Der Angeklagte mit seinem Verteidiger
DPA

Der Angeklagte mit seinem Verteidiger


Ein bayerisches Gericht hat einen Mann wegen Anstiftung zum sexuellen Missbrauch von philippinischen Kindern via Internet schuldig gesprochen. Der Mann muss laut dem Urteil für fünfeinhalb Jahre in Haft. Der 48-Jährige aus dem Landkreis Altötting hatte über mehr als zwei Jahre von Hause aus mit einer Philippinin gechattet und dabei Anweisungen für den Missbrauch ihrer kleinen Kinder gegeben.

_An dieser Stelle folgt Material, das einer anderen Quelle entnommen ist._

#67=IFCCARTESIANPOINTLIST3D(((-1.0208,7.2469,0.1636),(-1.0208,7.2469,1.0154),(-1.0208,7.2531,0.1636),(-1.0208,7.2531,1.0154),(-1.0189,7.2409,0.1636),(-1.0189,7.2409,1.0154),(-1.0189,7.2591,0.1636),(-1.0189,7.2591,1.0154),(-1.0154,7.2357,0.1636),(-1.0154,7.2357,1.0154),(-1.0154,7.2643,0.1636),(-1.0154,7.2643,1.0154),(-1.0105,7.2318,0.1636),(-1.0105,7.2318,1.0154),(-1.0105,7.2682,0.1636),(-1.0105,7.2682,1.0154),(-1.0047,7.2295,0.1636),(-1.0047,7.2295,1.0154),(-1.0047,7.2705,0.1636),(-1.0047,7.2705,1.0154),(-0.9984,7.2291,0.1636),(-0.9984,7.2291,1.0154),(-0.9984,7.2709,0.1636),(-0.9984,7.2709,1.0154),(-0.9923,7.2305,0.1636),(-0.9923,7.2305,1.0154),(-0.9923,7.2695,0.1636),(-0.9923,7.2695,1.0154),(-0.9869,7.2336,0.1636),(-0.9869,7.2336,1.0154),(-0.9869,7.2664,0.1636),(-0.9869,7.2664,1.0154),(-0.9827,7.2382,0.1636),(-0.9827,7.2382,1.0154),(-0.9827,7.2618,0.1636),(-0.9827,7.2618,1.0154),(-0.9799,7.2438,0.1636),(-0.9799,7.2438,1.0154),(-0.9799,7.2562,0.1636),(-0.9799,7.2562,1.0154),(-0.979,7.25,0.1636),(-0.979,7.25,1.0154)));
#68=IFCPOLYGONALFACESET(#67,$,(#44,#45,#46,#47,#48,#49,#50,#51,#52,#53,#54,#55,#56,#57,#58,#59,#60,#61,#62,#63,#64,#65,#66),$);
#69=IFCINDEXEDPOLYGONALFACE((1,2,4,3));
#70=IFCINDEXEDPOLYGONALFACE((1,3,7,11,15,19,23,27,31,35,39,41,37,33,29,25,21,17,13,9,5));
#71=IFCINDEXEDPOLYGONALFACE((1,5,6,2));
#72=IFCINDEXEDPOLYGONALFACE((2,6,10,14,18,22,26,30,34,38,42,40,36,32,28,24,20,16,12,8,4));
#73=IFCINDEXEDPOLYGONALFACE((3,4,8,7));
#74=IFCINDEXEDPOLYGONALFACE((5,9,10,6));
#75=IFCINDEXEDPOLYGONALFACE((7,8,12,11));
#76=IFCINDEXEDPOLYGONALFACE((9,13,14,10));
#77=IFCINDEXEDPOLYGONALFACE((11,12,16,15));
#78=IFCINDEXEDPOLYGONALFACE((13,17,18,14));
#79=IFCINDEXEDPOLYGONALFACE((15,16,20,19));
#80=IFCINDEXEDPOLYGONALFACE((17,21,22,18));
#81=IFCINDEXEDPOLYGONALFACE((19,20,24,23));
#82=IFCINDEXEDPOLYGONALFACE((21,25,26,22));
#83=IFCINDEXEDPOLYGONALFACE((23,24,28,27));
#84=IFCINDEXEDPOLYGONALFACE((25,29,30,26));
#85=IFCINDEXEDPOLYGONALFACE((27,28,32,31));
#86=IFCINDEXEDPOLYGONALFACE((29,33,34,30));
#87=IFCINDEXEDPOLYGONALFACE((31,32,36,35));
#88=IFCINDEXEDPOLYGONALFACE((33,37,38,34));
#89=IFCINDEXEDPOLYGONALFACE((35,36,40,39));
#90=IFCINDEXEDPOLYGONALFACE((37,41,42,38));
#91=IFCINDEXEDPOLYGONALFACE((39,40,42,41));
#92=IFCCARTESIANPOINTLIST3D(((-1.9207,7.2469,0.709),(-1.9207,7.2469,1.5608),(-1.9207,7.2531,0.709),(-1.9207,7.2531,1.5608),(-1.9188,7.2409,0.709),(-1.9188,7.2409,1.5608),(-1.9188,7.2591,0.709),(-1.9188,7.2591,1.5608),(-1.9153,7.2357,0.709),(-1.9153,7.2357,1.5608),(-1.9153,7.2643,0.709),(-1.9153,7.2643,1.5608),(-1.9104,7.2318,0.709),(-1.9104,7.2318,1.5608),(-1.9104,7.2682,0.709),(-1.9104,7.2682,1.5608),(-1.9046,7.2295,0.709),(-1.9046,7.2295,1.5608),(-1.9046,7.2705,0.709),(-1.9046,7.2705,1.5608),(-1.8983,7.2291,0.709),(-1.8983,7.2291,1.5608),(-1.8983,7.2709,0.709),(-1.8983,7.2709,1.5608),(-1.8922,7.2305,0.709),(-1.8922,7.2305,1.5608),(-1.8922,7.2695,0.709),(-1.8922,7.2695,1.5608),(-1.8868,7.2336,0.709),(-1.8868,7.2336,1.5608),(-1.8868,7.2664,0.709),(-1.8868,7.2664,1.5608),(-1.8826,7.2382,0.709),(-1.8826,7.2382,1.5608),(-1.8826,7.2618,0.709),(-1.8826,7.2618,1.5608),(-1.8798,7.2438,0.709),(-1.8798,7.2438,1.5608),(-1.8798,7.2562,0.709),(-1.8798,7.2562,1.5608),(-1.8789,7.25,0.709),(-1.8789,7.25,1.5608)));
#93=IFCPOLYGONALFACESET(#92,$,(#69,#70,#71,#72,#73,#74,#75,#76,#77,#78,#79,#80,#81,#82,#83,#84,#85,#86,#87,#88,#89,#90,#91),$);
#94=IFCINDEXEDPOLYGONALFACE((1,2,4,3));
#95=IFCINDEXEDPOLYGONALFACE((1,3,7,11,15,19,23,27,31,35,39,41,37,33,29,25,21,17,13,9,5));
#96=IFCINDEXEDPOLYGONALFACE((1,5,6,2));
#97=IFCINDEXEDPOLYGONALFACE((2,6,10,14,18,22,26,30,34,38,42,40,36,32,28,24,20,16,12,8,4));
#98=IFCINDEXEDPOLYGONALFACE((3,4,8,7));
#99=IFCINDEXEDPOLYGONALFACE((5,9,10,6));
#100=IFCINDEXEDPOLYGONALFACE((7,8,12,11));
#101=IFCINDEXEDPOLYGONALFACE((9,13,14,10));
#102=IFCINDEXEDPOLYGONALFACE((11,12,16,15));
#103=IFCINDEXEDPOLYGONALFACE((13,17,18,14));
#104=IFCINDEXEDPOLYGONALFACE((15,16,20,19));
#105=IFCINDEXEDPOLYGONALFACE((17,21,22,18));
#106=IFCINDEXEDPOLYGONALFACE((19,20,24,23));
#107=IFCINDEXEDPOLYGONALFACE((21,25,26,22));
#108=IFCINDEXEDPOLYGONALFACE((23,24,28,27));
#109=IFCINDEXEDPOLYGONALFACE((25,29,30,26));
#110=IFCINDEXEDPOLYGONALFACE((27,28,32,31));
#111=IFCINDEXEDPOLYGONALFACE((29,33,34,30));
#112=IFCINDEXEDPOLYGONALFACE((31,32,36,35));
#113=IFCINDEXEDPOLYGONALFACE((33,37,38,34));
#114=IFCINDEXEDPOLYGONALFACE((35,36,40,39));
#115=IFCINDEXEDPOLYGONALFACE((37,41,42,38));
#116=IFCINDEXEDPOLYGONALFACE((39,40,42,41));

Das Landgericht in Traunstein sprach ihn auch wegen Besitzes kinderpornografischer Bilder und Videos schuldig, die Ermittler auf seinem Rechner entdeckt hatten. Die Kammer blieb laut "Passauer Neuer Presse" aber unter der Forderung der Staatsanwaltschaft, die sechseinhalb Jahre Gefängnis verlangt habe. Das Geständnis habe sich strafmildernd ausgewirkt, denn ohne seine Aussage, sei die Beweislage dünner gewesen, hieß es.

Neue Form des Missbrauchs

Der Mann hatte die Taten im Prozess eingeräumt. Er bedaure zutiefst, dass er sich dazu habe hinreißen lassen, ließ der einschlägig vorbestrafte Mann über seinen Anwalt erklären. Er war im Sommer 2017 in Untersuchungshaft genommen worden. Die Staatsanwaltschaft Traunstein und das Bundeskriminalamt schrieben damals vom "noch neuen Modus Operandi des Webcam Child Sex Tourism (WCST)". Es ist einer der ersten Prozesse zu dieser Art von Kinderpornografie und sexuellen Missbrauch in Deutschland.

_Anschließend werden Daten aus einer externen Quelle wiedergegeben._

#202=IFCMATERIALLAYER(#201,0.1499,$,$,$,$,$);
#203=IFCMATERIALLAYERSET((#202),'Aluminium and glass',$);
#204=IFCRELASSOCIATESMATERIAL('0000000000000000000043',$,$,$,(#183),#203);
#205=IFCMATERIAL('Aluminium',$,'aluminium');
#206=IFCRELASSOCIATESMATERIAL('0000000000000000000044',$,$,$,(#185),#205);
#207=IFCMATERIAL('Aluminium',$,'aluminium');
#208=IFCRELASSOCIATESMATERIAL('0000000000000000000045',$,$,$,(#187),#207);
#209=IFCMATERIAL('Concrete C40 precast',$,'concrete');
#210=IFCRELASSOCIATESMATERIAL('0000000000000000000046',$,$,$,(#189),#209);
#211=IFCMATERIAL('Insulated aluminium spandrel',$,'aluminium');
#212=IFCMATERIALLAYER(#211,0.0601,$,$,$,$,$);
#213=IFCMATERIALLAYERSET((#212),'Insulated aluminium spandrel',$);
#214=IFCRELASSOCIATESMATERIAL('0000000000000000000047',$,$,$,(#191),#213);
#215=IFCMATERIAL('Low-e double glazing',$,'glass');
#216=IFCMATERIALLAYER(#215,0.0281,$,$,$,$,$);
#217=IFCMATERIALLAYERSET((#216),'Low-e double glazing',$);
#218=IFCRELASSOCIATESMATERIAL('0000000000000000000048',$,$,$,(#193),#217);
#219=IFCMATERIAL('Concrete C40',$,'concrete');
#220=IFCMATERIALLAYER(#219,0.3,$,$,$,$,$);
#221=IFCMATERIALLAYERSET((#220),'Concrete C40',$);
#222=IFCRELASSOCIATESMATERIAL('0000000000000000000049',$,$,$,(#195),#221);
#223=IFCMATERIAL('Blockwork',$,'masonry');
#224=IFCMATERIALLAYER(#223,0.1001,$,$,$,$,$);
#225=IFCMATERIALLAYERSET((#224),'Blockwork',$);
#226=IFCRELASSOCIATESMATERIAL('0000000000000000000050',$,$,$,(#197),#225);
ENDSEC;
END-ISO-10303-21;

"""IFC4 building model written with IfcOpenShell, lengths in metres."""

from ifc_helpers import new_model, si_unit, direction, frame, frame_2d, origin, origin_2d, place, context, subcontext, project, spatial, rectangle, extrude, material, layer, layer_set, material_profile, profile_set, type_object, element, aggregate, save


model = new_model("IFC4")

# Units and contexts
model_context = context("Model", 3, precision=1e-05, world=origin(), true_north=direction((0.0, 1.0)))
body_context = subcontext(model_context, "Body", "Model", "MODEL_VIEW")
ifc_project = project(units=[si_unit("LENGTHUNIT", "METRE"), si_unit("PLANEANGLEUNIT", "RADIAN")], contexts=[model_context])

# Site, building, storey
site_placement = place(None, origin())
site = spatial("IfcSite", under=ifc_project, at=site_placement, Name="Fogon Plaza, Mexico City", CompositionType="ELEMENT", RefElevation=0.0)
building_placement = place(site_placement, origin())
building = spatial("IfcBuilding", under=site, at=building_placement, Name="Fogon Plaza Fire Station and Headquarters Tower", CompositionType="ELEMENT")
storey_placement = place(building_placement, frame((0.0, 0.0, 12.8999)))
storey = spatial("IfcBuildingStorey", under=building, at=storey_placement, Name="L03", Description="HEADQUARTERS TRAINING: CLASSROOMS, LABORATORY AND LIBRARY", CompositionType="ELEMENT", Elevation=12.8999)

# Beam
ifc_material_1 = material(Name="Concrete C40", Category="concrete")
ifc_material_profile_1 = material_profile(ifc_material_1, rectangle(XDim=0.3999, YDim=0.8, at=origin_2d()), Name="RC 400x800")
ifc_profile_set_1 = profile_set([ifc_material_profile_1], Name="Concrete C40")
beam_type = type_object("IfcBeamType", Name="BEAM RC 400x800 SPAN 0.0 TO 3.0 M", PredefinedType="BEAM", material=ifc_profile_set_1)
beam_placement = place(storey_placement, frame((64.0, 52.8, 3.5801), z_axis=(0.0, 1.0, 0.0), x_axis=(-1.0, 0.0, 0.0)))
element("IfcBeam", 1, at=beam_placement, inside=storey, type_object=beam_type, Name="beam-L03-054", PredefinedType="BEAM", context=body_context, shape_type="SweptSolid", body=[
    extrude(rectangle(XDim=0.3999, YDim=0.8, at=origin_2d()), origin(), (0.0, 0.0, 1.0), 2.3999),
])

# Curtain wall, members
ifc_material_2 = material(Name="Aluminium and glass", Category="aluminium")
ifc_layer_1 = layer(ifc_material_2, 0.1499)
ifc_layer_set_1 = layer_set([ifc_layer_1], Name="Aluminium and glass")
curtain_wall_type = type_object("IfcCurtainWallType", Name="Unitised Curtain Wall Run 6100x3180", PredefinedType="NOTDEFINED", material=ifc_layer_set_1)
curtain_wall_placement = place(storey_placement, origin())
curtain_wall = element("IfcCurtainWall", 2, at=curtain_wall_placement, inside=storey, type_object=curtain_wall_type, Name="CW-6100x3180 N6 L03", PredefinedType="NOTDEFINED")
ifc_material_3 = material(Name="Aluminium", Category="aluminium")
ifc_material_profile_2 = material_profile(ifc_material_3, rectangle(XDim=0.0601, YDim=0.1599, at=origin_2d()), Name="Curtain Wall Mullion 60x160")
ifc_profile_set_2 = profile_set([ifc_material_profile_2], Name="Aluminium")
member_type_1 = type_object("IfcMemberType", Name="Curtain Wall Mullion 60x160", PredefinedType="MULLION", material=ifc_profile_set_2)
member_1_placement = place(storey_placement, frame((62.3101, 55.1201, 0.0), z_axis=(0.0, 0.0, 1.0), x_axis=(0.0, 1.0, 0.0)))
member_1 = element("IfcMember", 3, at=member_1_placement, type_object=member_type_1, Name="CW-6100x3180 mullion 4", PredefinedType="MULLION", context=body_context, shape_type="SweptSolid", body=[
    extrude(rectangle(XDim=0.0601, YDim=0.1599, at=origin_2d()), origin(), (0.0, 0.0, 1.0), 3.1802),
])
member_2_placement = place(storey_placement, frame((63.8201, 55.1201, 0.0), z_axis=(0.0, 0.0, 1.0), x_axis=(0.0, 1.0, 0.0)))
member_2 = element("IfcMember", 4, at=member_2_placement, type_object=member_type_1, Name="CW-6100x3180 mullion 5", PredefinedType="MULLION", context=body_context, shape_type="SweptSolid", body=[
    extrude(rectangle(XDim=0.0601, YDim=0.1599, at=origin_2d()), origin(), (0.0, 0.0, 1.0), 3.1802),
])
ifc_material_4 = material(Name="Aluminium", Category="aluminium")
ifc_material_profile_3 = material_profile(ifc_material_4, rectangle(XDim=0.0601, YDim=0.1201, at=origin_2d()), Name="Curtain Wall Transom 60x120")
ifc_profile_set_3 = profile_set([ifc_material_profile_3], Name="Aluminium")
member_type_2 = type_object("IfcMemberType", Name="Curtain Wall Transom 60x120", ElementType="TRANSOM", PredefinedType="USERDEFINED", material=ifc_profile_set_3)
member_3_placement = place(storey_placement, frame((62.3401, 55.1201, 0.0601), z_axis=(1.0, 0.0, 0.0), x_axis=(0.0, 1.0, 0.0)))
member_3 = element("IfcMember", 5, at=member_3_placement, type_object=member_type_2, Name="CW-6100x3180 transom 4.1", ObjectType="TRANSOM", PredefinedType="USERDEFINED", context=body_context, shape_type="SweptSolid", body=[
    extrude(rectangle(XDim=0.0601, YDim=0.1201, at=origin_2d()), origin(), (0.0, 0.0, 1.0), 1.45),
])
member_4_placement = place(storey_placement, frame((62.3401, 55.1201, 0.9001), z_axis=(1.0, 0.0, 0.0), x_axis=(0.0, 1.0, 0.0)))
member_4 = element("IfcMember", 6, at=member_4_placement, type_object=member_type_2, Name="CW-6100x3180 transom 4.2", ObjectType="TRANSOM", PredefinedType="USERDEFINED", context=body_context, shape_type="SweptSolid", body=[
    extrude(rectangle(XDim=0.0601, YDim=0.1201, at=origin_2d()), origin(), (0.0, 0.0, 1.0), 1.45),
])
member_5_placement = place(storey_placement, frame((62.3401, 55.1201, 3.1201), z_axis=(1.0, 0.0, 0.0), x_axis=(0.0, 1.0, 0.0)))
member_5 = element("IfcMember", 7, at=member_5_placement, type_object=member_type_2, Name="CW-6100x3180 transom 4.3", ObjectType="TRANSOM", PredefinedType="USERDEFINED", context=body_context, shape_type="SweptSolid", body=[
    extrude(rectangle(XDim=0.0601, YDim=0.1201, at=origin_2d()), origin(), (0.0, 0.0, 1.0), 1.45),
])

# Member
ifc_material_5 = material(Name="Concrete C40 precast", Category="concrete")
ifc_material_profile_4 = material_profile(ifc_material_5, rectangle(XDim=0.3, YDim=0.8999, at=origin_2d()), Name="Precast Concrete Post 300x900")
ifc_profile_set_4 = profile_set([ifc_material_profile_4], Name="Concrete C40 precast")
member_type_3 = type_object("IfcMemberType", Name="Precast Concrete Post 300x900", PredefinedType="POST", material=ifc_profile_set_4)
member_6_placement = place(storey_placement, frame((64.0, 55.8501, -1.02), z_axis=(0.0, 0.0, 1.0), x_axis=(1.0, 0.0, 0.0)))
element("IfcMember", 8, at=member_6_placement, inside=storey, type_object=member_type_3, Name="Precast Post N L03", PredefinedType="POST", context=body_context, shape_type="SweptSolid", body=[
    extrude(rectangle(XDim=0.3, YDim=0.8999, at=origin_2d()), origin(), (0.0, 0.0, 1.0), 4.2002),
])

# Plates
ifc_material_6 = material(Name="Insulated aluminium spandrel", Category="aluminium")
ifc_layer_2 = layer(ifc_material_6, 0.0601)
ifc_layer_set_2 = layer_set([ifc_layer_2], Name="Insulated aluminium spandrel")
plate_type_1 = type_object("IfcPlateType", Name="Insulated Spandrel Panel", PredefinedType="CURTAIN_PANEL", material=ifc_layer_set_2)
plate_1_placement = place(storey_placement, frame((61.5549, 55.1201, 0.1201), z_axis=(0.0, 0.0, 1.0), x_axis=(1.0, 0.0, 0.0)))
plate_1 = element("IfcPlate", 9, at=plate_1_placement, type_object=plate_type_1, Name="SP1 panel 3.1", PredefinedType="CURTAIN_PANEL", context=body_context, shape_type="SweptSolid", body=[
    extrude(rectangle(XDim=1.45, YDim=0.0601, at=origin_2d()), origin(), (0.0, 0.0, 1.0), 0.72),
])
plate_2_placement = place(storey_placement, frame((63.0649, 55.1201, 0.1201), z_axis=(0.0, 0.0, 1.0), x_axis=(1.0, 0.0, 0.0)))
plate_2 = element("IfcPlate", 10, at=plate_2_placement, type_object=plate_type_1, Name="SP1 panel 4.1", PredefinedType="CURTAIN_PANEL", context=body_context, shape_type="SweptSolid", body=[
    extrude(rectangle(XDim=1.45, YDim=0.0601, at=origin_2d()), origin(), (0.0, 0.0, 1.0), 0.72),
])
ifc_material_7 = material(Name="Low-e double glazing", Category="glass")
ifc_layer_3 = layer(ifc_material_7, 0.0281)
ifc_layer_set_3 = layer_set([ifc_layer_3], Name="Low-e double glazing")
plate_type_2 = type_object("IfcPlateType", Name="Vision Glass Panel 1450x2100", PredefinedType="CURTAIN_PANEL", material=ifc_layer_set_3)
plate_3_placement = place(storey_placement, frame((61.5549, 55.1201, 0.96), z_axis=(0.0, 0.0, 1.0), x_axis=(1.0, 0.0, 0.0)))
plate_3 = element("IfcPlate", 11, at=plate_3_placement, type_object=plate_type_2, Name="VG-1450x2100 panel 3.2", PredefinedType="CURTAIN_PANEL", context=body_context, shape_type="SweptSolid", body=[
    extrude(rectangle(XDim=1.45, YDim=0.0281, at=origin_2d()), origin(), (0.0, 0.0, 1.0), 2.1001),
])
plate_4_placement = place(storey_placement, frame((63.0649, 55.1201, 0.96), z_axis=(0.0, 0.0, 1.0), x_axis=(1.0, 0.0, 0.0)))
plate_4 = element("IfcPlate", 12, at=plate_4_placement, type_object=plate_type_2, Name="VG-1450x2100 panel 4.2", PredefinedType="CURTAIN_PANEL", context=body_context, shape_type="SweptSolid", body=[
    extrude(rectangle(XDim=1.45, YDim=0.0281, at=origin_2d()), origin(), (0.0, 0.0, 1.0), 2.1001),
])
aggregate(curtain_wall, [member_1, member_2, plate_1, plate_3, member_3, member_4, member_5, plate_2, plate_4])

Die Kinder mussten den Ermittlungen zufolge vor der Webcam posieren und sexuelle Praktiken nach den Wünschen des Verurteilten ausführen. Dieser soll für die Dienste über die Jahre mehr als 3000 Euro an die Mutter gesandt haben - insgesamt sollen gut 10.000 Euro geflossen sein. Richter Jürgen Zenkel sprach von einem System von "Leistung direkt ins Haus".

Zu Beginn der virtuellen Treffen waren die Kinder der Frau vier bis acht Jahre alt. Die Kleinste sei aber nicht involviert gewesen, sagte der Mann. Auch seien die von ihm gewünschten Handlungen vielfach nur angedeutet gewesen.

Die Verteidigung hatte eine Strafe von vier Jahren und acht Monaten für ausreichend gehalten - Haupttäterin in dem Fall sei die Mutter. Das Urteil ist noch nicht rechtskräftig.

apr/dpa

Mehr zum Thema


TOP
Die Homepage wurde aktualisiert. Jetzt aufrufen.
Hinweis nicht mehr anzeigen.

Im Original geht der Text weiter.